O amor como doença
"Uma escala em Paris" ("Thirst Street", no original em inglês) é um filme despretensioso, quase bobo, e pouco teria para prender nossos olhos na tela. E, no entanto, a obsessão da aeromoça americana Gina (Lindsay Burdge) pelo garçom francês Jérôme (Damien Bonnard) faz dele uma comédia dramática bastante razoável, se você presta atenção ao absurdo de certas paixões e o quanto elas podem transtornar a vida dos protagonistas.
Senão, vejamos. Gina era viúva e as colegas de farda resolveram contratar uma cartomante em Paris que lhe fala de um homem especial que logo aparecerá no seu caminho. Este calha de ser um sujeito rústico que serve bebidas num cabaré e nos intervalos cheira bem fornidas carreiras de cocaína. Como faz com várias mulheres, Gina é só mais uma que Jérôme levou para a cama, e mal se lembra de quem é ela no dia seguinte à fatídica transa.

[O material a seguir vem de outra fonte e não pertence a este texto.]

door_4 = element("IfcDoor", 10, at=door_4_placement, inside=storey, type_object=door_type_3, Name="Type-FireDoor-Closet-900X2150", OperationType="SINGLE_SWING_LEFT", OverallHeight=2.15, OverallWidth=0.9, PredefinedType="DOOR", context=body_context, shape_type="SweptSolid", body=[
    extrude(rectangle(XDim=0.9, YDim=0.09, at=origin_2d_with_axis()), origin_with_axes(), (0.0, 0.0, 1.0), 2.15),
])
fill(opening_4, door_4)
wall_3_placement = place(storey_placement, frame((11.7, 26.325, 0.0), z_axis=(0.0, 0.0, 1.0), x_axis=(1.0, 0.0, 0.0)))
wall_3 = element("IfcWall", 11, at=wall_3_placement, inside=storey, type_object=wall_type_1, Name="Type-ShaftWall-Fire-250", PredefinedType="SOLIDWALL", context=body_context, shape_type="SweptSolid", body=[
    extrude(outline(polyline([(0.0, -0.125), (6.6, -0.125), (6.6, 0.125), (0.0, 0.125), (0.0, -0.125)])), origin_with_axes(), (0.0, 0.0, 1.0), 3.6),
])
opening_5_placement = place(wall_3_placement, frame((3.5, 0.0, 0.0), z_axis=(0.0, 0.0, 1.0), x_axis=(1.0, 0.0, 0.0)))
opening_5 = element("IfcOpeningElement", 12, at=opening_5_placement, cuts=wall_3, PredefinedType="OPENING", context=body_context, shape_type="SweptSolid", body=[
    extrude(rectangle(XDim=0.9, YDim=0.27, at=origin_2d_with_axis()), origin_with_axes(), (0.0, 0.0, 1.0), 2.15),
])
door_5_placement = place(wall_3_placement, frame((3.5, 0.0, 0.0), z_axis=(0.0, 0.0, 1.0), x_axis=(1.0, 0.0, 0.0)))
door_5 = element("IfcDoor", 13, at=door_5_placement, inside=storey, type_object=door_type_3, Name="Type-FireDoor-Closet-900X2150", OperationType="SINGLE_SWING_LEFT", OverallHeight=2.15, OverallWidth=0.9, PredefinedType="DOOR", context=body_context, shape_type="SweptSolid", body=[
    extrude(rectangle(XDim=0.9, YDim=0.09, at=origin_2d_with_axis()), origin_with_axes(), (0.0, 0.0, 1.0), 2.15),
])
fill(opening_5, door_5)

Tomada por uma necessidade irascível de amar, mais até do que de se sentir importante para alguém, a tresloucada mulher resolve que eles estão vivendo um romance e tem o desplante de alugar um apartamento diante do dele, sem que o amado saiba. Anulando-se por completo, abre mão da carreira e resolve enturmar-se no submundo onde ele vive, abdicando da vida anterior por completo, e fabulando maravilhas para as amigas sobre o tosco Jérôme.

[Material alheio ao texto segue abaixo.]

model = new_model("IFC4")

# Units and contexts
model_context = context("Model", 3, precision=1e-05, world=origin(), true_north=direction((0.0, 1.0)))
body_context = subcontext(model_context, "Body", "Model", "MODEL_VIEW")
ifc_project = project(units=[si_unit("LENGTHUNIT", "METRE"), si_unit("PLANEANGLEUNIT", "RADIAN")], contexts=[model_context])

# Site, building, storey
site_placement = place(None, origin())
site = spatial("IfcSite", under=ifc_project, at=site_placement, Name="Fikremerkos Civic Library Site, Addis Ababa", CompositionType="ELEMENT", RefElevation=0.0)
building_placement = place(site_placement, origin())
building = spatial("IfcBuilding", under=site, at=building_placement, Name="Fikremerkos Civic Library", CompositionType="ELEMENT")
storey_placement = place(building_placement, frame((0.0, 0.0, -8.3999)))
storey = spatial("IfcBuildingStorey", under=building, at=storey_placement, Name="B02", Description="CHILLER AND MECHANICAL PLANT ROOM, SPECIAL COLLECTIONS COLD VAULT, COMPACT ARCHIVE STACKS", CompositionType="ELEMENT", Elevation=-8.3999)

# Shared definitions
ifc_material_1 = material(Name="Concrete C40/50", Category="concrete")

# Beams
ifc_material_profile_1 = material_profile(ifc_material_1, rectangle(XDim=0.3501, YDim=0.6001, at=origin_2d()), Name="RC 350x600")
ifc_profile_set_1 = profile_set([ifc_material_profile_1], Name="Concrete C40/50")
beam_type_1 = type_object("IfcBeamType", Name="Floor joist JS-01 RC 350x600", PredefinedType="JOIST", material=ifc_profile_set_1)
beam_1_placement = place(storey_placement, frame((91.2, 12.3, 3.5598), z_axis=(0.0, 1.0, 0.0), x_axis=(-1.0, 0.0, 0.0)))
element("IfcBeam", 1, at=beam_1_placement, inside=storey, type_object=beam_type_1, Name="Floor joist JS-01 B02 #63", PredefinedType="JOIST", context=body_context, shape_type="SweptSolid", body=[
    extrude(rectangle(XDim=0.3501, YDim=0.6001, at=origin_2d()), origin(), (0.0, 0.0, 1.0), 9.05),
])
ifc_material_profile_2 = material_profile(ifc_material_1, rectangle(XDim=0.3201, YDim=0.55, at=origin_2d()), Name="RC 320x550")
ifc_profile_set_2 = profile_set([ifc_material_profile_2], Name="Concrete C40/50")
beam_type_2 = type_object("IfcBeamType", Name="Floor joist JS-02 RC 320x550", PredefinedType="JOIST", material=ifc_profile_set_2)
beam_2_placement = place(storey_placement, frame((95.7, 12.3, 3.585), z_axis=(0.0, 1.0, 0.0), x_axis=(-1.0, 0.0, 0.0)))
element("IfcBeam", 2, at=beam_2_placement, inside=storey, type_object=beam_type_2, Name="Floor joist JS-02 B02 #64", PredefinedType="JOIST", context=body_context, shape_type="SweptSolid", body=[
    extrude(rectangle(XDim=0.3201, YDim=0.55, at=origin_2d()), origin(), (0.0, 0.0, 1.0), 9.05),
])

Certo é que quem for ao cinema, saberá como essa história continua e acaba. O que me ocorre hoje é divagar sobre situações de toxicidade parecida com a retratada, só que fora da tela grande. Imagino que a maioria dos homens e das mulheres já foi alvo de uma veneração unilateral e fantasiosa, sem que nada tivessem feito de concreto para que se tornassem tão íntimos no imaginário alheio, não raro a um ponto apavorante.

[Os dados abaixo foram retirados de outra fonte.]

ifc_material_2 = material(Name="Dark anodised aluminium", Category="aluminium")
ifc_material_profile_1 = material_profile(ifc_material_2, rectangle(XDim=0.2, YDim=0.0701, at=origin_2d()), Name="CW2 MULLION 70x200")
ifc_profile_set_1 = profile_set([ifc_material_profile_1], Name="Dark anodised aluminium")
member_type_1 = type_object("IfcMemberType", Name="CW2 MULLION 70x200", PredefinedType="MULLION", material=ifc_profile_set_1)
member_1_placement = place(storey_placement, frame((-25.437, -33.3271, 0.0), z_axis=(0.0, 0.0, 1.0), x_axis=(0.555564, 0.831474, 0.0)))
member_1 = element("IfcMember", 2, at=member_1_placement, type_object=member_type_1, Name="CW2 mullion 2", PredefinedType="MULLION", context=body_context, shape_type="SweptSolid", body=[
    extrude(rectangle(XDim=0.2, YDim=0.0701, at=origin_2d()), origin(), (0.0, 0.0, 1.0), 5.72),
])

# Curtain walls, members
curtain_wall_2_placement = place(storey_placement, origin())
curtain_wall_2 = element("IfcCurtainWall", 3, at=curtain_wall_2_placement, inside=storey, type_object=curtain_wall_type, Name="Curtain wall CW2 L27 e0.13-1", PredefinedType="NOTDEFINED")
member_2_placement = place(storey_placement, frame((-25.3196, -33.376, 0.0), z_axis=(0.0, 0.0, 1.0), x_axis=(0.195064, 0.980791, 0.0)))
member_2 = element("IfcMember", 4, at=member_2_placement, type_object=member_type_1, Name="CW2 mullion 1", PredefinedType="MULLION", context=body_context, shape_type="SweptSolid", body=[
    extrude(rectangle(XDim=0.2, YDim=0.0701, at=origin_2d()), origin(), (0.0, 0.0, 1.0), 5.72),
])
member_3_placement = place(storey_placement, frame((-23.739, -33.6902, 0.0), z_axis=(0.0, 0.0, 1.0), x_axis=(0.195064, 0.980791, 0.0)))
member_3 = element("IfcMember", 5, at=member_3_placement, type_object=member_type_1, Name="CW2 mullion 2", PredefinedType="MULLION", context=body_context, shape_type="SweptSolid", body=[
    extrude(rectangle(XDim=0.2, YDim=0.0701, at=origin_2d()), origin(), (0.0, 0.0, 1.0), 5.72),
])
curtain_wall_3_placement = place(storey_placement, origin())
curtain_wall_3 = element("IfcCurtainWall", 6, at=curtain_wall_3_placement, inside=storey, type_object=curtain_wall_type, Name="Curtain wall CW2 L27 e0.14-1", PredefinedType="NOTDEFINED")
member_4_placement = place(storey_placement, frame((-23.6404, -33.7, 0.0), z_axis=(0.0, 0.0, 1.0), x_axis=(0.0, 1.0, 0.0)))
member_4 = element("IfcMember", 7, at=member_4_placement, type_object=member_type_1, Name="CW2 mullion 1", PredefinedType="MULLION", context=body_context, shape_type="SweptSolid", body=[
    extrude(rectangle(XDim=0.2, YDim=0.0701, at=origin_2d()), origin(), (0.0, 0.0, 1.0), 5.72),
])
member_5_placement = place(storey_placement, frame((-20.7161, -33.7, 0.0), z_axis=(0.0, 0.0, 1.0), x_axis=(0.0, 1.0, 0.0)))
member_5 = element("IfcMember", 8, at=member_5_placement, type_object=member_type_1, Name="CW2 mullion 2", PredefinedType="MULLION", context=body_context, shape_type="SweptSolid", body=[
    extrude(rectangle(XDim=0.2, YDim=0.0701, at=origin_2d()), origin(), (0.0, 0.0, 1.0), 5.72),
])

Tenho um amigo que foi premiado por metros e metros de poemas por fax em plena segunda-feira, depois de uma noite de sexo com uma mulher que mal conhecera no domingo. Na cabeça desta, o par de horas que tinham passado juntos em casa dele fora o bastante para que algo de sublime tomasse forma. Não tardou para que ele tivesse que trocar o celular e instruir todo mundo do escritório e da residência que a presença dela era proibida.
Admitindo que os amores possam estar raros e que nem todo mundo se dispõe a aceitar regras alternativas de convívio, é grave imaginar que pessoas como Gina vaguem por aí sem qualquer ajuda médica, e fabulem soluções para o jogo de perguntas e respostas que elas entretêm sozinhas. Quem for ao cinema, de qualquer forma, encontrará uma indicação sugestiva de como detectar em si mesmo o diabólico composto da infernal alquimia do autoengano.
No final, saí pela Avenida Paulista com os versos de Cazuza: "O nosso amor a gente inventa, pra se distrair...". Feliz dele quando não ultrapassa unilateralmente esse estágio. A dois, porém, o céu é o limite. E que assim permaneça.